General Cable, BGC. Power grid innovation, includes high-voltage offshore wind.
Itron, ITRI. Meters, utility energy monitoring, measurement & management.
Quanta Services, PWR. Infrastructure, modernizing grid & power transmission.
Silver Spring Networks, SSNI. Smart grid, two-way communications aids Utilities.
Universal Display, OLED. Organic light emitting diodes, efficient displays.

Energy Conversion - 24% sector weight (8 stocks @2.93% each; +1 *banded)
Advanced Energy, AEIS. Power conditioning: inverters, thin film deposition.
Ballard Power, BLDP. Mid-size fuel cells; R&D, PEM FCs as in transportation.
Cree, CREE. LEDs, manufacturer in power-saving lumens, efficient lighting.
*FuelCell Energy, FCEL. Large fuel cells, high-operating temps, multiple-fuels.
Gentherm, THRM. Thermoelectrics, waste heat to energy, power harvesting.
LSI Industries, LYTS. Lighting, LEDs, is vertically integrated U.S. manufacturer.
Plug Power, PLUG. Small fuel cells, for e.g. forklifts; drop in replacements.
SolarEdge Technologies, SEDG. Inverters: makes solar optimizers, inverters.
Veeco, VECO. Thin film equipment, for LEDs, energy efficient electronics.

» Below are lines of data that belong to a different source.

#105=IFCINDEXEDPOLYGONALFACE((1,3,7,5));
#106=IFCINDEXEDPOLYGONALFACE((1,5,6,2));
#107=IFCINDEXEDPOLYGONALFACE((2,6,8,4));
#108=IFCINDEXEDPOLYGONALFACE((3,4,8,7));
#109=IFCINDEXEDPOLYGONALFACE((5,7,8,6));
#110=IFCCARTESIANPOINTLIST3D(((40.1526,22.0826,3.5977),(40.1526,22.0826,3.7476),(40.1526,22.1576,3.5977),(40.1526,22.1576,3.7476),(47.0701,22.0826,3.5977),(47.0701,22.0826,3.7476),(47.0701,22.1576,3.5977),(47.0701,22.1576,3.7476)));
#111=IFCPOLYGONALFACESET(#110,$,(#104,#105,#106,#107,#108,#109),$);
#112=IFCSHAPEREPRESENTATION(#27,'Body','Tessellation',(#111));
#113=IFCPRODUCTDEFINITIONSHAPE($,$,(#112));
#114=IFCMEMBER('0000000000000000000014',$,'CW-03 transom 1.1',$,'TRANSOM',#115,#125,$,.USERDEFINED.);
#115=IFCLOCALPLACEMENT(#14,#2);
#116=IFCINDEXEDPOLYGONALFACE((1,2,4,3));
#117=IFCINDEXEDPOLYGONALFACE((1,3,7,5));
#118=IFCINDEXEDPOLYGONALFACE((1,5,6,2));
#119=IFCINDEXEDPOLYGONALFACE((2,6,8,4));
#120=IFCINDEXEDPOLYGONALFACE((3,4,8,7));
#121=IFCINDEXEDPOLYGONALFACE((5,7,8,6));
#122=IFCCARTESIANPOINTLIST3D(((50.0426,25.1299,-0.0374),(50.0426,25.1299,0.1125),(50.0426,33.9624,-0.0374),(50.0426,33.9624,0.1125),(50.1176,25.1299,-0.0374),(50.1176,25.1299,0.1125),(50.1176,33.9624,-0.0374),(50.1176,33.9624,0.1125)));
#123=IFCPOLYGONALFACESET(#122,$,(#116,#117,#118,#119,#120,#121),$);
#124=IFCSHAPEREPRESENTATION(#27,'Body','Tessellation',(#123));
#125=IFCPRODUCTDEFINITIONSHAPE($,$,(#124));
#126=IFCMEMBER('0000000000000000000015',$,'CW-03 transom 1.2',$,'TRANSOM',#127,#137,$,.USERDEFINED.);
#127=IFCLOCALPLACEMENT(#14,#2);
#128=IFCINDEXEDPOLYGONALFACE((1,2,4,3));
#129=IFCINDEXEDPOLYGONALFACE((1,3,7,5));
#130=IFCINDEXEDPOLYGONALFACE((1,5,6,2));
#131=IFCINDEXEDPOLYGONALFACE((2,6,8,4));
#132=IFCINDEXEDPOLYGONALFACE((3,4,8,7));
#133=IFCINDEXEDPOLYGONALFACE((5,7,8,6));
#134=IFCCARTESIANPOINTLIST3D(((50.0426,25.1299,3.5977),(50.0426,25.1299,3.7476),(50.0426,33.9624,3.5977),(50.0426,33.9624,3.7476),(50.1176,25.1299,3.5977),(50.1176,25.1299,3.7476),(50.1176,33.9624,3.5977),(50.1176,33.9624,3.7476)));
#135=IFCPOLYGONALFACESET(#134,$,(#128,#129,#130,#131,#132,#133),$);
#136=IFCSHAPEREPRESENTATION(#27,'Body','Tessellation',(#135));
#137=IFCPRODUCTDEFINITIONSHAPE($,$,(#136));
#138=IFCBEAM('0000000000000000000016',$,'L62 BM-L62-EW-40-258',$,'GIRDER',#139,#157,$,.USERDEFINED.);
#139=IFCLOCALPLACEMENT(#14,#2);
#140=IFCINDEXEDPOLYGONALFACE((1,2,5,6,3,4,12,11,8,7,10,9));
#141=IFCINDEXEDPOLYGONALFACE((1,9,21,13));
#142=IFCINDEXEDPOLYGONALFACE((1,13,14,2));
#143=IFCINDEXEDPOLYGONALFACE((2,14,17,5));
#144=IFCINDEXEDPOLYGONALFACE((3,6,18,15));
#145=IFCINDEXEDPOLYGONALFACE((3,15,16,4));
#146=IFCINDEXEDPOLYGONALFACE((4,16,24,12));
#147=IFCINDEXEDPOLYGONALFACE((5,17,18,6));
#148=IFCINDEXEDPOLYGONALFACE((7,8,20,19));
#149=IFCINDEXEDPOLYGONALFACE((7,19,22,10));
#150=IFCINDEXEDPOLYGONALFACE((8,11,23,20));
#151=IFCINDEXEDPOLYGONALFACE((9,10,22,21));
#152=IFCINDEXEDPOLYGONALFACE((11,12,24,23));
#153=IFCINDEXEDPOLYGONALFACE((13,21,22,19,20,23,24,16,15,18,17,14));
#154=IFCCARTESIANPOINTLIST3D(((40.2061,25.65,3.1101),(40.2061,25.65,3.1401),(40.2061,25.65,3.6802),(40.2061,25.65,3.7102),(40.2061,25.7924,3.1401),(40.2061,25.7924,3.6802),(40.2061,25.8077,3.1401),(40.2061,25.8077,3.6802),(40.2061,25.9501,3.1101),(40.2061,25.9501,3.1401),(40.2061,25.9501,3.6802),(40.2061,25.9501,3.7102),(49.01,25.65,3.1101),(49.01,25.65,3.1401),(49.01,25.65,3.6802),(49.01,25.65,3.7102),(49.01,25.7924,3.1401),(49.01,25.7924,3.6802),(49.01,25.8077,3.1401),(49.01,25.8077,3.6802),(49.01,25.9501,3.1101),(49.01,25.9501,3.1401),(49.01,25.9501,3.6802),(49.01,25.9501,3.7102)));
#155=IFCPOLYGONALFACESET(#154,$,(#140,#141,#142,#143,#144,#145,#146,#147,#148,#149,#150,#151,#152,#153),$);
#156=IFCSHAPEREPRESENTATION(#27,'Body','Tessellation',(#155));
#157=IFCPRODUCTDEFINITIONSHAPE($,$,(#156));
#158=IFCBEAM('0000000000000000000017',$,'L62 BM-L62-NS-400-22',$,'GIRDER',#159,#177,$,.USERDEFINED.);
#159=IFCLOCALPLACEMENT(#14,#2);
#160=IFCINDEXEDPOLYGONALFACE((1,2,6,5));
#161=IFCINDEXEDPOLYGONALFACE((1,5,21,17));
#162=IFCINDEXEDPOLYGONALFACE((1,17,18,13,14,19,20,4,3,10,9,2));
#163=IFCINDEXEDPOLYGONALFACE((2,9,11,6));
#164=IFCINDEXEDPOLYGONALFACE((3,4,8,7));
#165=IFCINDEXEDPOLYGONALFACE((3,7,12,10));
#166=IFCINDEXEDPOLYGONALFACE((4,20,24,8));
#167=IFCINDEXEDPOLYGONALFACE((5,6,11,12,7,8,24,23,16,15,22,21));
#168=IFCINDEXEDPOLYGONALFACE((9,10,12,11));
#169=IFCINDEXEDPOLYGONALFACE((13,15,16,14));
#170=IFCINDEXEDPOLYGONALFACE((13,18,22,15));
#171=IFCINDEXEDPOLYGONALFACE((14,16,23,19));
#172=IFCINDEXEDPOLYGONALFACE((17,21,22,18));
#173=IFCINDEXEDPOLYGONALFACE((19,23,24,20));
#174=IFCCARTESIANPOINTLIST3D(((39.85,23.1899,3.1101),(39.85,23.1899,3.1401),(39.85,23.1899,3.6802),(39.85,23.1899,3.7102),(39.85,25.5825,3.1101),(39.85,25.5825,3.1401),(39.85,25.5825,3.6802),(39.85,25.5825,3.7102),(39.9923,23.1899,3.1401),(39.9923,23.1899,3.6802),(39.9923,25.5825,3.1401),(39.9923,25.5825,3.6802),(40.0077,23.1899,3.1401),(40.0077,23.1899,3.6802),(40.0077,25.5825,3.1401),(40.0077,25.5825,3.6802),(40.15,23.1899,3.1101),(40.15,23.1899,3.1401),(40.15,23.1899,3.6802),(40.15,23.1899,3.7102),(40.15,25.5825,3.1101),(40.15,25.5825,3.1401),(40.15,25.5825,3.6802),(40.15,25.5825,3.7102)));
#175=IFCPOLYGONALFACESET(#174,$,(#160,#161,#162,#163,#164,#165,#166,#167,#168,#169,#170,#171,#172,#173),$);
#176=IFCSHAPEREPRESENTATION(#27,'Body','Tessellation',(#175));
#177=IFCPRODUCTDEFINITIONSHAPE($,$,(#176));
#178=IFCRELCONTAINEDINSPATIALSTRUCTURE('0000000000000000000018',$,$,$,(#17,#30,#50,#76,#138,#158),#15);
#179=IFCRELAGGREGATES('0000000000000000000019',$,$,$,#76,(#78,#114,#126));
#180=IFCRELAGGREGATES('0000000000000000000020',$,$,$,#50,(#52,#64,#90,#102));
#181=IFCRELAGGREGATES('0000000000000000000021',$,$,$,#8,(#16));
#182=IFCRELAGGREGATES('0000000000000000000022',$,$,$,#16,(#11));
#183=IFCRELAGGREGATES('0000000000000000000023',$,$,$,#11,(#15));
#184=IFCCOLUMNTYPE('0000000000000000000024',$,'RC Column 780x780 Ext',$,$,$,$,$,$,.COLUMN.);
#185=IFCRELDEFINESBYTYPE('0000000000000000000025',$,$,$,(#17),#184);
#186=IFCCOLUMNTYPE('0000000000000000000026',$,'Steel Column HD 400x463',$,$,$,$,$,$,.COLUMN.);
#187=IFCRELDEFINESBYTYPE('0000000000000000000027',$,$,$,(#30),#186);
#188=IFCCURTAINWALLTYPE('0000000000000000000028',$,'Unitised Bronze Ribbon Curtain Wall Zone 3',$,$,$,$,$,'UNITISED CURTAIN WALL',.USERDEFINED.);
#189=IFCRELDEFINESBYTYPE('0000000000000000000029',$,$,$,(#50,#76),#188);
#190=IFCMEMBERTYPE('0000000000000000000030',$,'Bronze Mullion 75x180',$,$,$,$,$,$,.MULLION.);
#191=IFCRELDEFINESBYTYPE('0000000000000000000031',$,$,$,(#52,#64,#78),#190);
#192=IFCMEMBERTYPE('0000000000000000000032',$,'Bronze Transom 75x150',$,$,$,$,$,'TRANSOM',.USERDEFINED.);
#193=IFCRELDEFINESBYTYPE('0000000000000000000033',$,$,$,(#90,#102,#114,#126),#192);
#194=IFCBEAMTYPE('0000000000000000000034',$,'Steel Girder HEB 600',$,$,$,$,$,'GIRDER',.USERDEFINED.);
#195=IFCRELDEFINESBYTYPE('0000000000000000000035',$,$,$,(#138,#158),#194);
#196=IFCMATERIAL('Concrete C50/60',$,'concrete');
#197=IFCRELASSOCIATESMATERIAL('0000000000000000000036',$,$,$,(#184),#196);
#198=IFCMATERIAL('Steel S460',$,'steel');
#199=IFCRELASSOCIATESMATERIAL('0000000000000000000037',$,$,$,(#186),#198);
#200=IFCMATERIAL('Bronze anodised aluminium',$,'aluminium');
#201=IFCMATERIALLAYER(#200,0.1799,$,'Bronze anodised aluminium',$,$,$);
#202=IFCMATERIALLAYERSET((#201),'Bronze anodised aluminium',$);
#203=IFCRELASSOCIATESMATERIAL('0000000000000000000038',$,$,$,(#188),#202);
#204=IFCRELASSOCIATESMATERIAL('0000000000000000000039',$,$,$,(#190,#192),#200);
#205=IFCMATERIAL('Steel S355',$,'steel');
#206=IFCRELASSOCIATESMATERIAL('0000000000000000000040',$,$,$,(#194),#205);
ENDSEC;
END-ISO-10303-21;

Greener Utilities – 16% sector weight (5 stocks @3.10% each; +1 *banded stock)
Atlantica Yield, ABY. Yieldco, Contracted renewables assets, also transmission.
Pattern Energy, PEGI. Wind farms, solar may be added too for GW sized PPAs.
*Sky Solar, SKYS. Solar farms, creating & operating utility-scale projects.
Sunrun, RUN. Residential solar systems, lease, PPA or purchase rooftop PV.
TerraForm Global, GLBL. Owns operates renewable assets in emerging nations.
TerraForm Power, TERP. Owns operates solar/wind, developed nations, yieldco.

Energy Storage - 7% sector weight (2 stocks @3.25% each; +1 *banded stock)
*Maxwell, MXWL. Ultracapacitors, an alternative assisting batteries in hybrids.
Chemical & Mining Co. of Chile, SQM. Lithium, energy storage, large producer.
Tesla Motors, TSLA. Electric vehicles, solar; purer-play in EVs & energy storage.

Cleaner Fuels – 7% sector weight (2 stocks @3.25% each; +1 *banded stock)
Air Products & Chemicals, APD. Hydrogen, is a supplier of industrial gases.
*Hydrogenics, HYGS. Hydrogen, fuel and electrolysis for fuel cells, H2 storage.
Renewable Energy Group, REGI. Biodiesel, natural fats, oils, grease to biofuels.